En 11 mois, le Real de Zinédine Zidane a remporté une Ligue des champions, une Supercoupe d’Europe, enchaîné 33 matches d’invincibilité, gagné le derby contre l’Atletico et retrouvé son lustre passé. Ainsi, marche après marche, Zidane construit sa légende. Pau Barrena/AFP
Zinédine Zidane déjà dans l'histoire ? Après un nul samedi à Barcelone, son 33e match d'affilée sans défaite, le Français n'est plus qu'à une marche du record d'invincibilité du Real Madrid : une preuve supplémentaire que sa trajectoire d'entraîneur semble épouser celle du joueur. C'est Luka Modric qui l'a le mieux résumé samedi soir : « Enchaîner 33 matches sans perdre ne peut pas être un hasard. »
Bombardé à la tête du Real en janvier dernier, vainqueur de la Ligue des champions (C1) cinq mois plus tard, Zidane avait pourtant été raillé en Espagne pour sa « flor » (« fleur », sa bonne étoile). Presque un procès en illégitimité pour un tout jeune entraîneur de 44 ans. Mais Zizou est un « gagneur », comme il l'a lui-même déclaré fin novembre. Et le technicien a enchaîné samedi un deuxième match sans perdre au Camp Nou, après un premier clasico victorieux en avril. Ses choix, eux, sont payants : Casemiro, lancé par ZZ en fin de rencontre, a sauvé sur sa ligne l'ultime balle de match du Barça. « Zinédine Zidane est l'homme qui a réussi en 11 mois à ce que le Real remporte une Ligue des champions et une Supercoupe d'Europe, enchaîne 33 matches d'invincibilité, gagne le derby (3-0 contre l'Atletico) et retrouve son lustre passé au Camp Nou », a résumé hier le quotidien sportif Marca, le plus lu d'Espagne.
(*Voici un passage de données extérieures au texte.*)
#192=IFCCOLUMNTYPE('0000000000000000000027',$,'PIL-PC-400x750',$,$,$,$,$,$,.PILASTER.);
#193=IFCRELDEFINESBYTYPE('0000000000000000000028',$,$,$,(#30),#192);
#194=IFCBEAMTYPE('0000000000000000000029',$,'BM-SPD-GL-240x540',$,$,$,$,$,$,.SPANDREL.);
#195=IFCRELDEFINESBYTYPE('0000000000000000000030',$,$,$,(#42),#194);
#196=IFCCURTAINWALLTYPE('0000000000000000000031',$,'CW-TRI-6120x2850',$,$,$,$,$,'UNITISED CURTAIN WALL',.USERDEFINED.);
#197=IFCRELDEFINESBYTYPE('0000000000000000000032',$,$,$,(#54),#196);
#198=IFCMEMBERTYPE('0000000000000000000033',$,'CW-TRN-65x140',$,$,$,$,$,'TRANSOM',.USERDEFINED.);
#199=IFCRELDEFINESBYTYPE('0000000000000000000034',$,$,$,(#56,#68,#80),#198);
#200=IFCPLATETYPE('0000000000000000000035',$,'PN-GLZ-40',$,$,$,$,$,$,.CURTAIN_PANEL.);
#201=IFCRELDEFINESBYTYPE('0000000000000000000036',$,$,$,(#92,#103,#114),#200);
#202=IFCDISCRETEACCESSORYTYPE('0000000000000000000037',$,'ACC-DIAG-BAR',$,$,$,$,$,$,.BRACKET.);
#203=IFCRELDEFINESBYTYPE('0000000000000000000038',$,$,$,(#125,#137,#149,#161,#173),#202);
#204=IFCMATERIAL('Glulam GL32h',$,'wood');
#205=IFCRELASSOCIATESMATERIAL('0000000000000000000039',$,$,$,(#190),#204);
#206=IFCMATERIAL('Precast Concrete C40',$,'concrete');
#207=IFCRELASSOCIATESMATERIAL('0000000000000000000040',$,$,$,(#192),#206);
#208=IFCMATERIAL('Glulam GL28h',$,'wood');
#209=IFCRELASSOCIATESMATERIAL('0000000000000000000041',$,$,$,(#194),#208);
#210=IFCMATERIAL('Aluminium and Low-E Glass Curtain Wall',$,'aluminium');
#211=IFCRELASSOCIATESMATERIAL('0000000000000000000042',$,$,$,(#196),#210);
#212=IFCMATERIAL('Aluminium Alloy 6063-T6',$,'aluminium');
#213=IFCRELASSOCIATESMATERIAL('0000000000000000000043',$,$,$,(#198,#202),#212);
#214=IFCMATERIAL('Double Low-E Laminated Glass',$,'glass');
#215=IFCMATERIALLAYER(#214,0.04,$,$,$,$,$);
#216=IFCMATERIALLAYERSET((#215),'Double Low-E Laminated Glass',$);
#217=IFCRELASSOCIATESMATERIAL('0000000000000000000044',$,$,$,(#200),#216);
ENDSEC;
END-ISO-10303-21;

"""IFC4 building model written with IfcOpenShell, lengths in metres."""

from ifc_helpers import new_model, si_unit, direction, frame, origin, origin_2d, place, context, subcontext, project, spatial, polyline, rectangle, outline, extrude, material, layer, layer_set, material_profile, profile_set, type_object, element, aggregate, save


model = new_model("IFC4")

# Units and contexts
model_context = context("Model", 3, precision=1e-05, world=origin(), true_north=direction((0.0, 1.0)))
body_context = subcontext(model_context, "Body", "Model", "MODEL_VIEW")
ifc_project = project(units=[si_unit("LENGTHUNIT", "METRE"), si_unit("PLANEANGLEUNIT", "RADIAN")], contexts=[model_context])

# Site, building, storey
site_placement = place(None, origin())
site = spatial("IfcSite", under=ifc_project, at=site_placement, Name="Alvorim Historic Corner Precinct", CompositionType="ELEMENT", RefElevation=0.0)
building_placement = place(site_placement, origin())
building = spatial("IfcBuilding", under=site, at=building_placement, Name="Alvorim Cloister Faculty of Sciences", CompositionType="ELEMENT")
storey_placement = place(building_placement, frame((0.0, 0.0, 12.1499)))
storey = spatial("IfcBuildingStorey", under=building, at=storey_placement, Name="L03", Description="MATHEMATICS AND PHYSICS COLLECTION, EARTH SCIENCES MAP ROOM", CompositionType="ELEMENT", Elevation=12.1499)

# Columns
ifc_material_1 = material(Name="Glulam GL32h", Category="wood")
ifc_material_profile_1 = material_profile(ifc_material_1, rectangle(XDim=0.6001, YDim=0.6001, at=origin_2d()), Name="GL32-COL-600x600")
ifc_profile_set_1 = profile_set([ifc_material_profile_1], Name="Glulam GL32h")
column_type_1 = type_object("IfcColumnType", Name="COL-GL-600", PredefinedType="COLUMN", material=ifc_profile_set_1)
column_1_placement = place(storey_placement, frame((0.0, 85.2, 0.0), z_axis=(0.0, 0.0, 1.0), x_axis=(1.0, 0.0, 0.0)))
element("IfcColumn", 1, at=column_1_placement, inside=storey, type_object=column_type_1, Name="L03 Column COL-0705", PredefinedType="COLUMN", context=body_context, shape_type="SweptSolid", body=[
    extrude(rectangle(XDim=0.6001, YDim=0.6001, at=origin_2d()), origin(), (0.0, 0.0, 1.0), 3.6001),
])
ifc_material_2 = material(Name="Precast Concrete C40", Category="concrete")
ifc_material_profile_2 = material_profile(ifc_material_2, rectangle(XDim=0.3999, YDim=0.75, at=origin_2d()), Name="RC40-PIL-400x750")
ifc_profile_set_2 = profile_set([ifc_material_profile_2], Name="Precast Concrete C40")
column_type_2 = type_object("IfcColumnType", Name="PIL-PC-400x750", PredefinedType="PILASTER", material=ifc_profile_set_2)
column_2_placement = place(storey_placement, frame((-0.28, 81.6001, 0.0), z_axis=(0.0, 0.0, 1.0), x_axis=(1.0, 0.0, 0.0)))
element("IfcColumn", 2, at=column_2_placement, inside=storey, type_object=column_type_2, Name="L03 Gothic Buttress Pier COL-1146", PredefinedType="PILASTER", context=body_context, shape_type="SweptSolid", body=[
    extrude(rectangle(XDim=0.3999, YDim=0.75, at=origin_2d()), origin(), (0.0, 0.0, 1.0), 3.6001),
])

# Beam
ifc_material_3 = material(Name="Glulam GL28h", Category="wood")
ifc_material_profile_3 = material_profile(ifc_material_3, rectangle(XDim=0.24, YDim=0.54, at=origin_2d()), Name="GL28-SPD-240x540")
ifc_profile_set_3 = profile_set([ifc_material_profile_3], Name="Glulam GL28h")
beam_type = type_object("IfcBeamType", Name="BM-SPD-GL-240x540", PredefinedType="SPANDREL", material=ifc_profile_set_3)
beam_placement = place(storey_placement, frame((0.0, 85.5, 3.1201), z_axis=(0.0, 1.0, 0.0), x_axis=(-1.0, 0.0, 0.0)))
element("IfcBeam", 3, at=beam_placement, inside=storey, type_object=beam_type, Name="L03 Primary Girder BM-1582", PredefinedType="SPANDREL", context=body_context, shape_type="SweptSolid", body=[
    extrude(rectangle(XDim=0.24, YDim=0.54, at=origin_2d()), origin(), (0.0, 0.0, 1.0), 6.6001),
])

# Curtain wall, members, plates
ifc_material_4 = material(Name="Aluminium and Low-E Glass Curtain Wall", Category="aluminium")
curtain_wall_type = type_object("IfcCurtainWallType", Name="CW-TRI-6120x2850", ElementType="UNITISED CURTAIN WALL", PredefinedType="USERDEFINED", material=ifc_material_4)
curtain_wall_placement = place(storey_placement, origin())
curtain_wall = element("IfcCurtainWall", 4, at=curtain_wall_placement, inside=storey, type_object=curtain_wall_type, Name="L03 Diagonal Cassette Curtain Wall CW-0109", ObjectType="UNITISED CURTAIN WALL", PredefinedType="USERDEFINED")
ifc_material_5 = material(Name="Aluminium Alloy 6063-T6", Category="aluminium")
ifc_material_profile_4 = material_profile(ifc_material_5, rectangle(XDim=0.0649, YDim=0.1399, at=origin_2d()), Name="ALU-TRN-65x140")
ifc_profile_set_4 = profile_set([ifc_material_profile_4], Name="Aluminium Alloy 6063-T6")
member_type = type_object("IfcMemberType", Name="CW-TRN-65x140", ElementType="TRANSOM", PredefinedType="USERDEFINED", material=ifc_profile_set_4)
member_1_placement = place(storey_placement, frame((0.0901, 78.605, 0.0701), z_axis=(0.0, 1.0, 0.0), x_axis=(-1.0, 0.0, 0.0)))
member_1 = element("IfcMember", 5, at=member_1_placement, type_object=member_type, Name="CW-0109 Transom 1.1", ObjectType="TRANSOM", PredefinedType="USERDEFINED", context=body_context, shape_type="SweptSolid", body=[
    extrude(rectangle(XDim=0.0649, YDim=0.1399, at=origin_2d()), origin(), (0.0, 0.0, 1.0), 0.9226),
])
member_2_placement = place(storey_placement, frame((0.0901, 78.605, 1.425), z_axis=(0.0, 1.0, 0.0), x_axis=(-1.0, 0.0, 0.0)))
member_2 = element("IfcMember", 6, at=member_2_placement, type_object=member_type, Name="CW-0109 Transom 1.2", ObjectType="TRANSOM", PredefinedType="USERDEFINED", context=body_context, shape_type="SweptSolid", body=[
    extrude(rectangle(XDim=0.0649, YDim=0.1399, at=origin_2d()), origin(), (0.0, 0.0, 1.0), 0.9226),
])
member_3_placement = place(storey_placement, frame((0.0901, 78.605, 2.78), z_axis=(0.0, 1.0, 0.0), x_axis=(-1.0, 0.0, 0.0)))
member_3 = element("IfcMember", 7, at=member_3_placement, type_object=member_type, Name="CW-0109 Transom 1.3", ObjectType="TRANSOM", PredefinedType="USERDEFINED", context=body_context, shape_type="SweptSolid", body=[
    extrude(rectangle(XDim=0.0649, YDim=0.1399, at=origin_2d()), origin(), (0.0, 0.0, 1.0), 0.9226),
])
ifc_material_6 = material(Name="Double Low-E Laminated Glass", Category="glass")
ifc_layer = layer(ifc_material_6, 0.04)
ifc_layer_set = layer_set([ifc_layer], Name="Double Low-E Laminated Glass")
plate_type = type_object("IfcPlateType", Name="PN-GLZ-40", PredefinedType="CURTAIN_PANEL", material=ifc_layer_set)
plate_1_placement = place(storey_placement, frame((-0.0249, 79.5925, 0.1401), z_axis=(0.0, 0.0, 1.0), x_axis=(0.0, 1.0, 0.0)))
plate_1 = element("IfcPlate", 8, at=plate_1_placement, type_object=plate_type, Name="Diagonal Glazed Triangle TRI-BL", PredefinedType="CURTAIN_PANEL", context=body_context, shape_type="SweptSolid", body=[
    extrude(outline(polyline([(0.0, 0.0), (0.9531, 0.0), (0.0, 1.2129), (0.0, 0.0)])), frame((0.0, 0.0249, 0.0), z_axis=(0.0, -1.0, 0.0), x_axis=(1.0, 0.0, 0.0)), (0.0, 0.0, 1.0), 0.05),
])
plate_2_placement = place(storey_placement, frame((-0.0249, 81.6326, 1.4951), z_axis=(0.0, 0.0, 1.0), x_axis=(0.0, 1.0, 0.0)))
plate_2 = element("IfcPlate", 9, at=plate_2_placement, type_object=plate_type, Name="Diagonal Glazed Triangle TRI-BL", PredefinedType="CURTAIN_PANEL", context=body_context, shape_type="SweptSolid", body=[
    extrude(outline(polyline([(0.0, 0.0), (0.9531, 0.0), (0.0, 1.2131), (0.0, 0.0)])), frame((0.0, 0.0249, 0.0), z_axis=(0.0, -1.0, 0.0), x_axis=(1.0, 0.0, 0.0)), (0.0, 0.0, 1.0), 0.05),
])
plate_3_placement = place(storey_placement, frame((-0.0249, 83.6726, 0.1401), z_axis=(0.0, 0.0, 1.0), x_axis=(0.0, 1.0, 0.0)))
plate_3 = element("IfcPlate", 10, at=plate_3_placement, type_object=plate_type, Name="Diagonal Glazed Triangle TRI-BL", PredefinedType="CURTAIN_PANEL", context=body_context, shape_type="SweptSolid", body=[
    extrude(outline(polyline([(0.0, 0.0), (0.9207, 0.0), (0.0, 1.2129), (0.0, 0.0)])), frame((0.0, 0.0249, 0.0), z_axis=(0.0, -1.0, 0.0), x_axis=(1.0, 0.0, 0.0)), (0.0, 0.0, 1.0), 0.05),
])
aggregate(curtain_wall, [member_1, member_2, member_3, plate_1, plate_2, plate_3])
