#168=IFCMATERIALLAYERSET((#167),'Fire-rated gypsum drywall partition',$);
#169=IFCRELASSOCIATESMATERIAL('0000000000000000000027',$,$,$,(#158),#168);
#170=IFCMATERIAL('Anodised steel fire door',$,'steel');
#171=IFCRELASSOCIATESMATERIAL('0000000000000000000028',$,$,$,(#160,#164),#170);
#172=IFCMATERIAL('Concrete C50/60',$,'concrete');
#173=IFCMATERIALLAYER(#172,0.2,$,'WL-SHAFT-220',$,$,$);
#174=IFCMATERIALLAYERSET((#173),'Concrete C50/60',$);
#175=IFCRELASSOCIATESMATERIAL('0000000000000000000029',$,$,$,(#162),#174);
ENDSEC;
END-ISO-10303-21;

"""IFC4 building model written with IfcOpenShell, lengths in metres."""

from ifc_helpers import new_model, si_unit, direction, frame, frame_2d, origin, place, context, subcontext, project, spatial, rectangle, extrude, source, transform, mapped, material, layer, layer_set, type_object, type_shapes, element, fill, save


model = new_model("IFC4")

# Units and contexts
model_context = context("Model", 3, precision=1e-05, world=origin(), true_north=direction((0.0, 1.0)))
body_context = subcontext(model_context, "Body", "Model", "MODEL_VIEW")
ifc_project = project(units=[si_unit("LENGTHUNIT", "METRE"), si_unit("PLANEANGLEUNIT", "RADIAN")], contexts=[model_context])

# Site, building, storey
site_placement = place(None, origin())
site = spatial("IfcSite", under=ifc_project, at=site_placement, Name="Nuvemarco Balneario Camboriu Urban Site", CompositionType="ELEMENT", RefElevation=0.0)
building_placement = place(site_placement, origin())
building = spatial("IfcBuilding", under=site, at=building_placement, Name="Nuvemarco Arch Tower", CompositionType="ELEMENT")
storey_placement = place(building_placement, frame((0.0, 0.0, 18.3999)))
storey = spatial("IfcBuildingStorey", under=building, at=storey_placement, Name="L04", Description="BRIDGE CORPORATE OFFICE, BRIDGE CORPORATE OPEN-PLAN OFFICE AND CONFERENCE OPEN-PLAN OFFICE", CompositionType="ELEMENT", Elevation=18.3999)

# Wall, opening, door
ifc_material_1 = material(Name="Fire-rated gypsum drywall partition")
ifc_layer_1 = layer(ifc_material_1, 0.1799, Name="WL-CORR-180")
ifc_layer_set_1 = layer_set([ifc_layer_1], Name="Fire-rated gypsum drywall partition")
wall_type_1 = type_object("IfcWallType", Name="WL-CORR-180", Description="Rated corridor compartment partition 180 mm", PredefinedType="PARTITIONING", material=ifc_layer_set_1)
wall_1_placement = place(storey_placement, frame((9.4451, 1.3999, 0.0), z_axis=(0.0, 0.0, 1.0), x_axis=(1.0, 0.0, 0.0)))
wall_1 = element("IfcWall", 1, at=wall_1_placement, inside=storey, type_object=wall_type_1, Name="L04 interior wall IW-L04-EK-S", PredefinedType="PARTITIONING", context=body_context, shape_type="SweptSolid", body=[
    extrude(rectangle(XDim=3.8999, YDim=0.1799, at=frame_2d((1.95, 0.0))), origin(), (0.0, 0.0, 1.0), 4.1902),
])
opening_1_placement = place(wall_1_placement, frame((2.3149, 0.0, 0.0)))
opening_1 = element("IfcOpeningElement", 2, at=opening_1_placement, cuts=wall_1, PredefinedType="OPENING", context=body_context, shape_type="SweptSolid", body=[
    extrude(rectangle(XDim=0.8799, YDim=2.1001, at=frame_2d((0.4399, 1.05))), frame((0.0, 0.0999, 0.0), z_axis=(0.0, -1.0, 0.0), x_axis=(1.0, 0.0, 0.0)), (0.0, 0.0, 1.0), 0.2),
La dernière défaite du Real de Zidane ? Elle remonte à huit mois, à Wolfsburg, en quarts de C1 (2-0). La dernière – et la seule – en Liga ? 1-0 fin février contre l'Atletico. « Ses statistiques sont spectaculaires », s'est réjoui le président madrilène Florentino Pérez cette semaine, ajoutant : « Impossible de faire mieux. »
Une équipe à son image
Joueur d'équipe par excellence, l'ancien meneur de jeu du Real (2001-2006) et des Bleus a réussi à cimenter le collectif merengue. « Avec Zizou, le climat est magnifique et c'est un immense entraîneur », a lancé samedi son capitaine Sergio Ramos, auteur du but égalisateur au Camp Nou. De l'équipe désarticulée de Rafael Benitez, balayée par le Barça lors du clasico de novembre 2015 (4-0), Zidane a fait un bloc capable d'étouffer les Barcelonais. Dans l'entrejeu, Modric a étincelé et délivré la passe décisive pour Ramos. « Quand un effectif d'une telle qualité, avec autant de joueurs de niveau mondial, joue en équipe et donne tout sur le terrain, il est très difficile de nous battre », a observé le Croate.
Tactiquement, les choix de Zidane se révèlent aussi très bons : dans le derby ou dans le clasico, son 4-4-2 a été solide et créatif. Et la préparation physique semble aussi payer : « Dans les matches difficiles, nous donnons tout jusqu'au bout et cela se voit », a relevé le latéral brésilien Marcelo.
Place désormais à la réception de Dortmund, mercredi en C1, au stade Santiago Bernabeu, où le Real peut égaler la meilleure série d'invincibilité de l'histoire du club : celle du technicien néerlandais Leo Beenhakker en 1988-1989 (34 matches). Il n'est pas dit que l'ambitieux Zidane s'arrête là. La marche suivante est de dépasser les 39 rencontres sans défaite du Barça de Luis Enrique (2015-2016), record espagnol, voire l'incroyable série de la Juventus Turin, 43 matches en 2011-2012. Cela voudrait dire remporter le Mondial des clubs qui s'ouvre dans quelques jours (8-18 décembre) au Japon, où Zidane peut décrocher le 3e trophée de sa jeune carrière. En attendant peut-être celui de meilleur entraîneur Fifa de l'année...
Zizou sait néanmoins qu'il sera jugé sur sa capacité à offrir enfin la Liga au club merengue, bredouille depuis 2012. En laissant le Barça à 6 points derrière, son Real a fait un petit pas dans cette direction samedi. « Indépendamment du résultat, cela va être difficile jusqu'au bout. Il faut continuer à travailler, la saison est encore longue », a lancé le Français. Marche après marche, Zinédine Zidane continue de construire sa légende.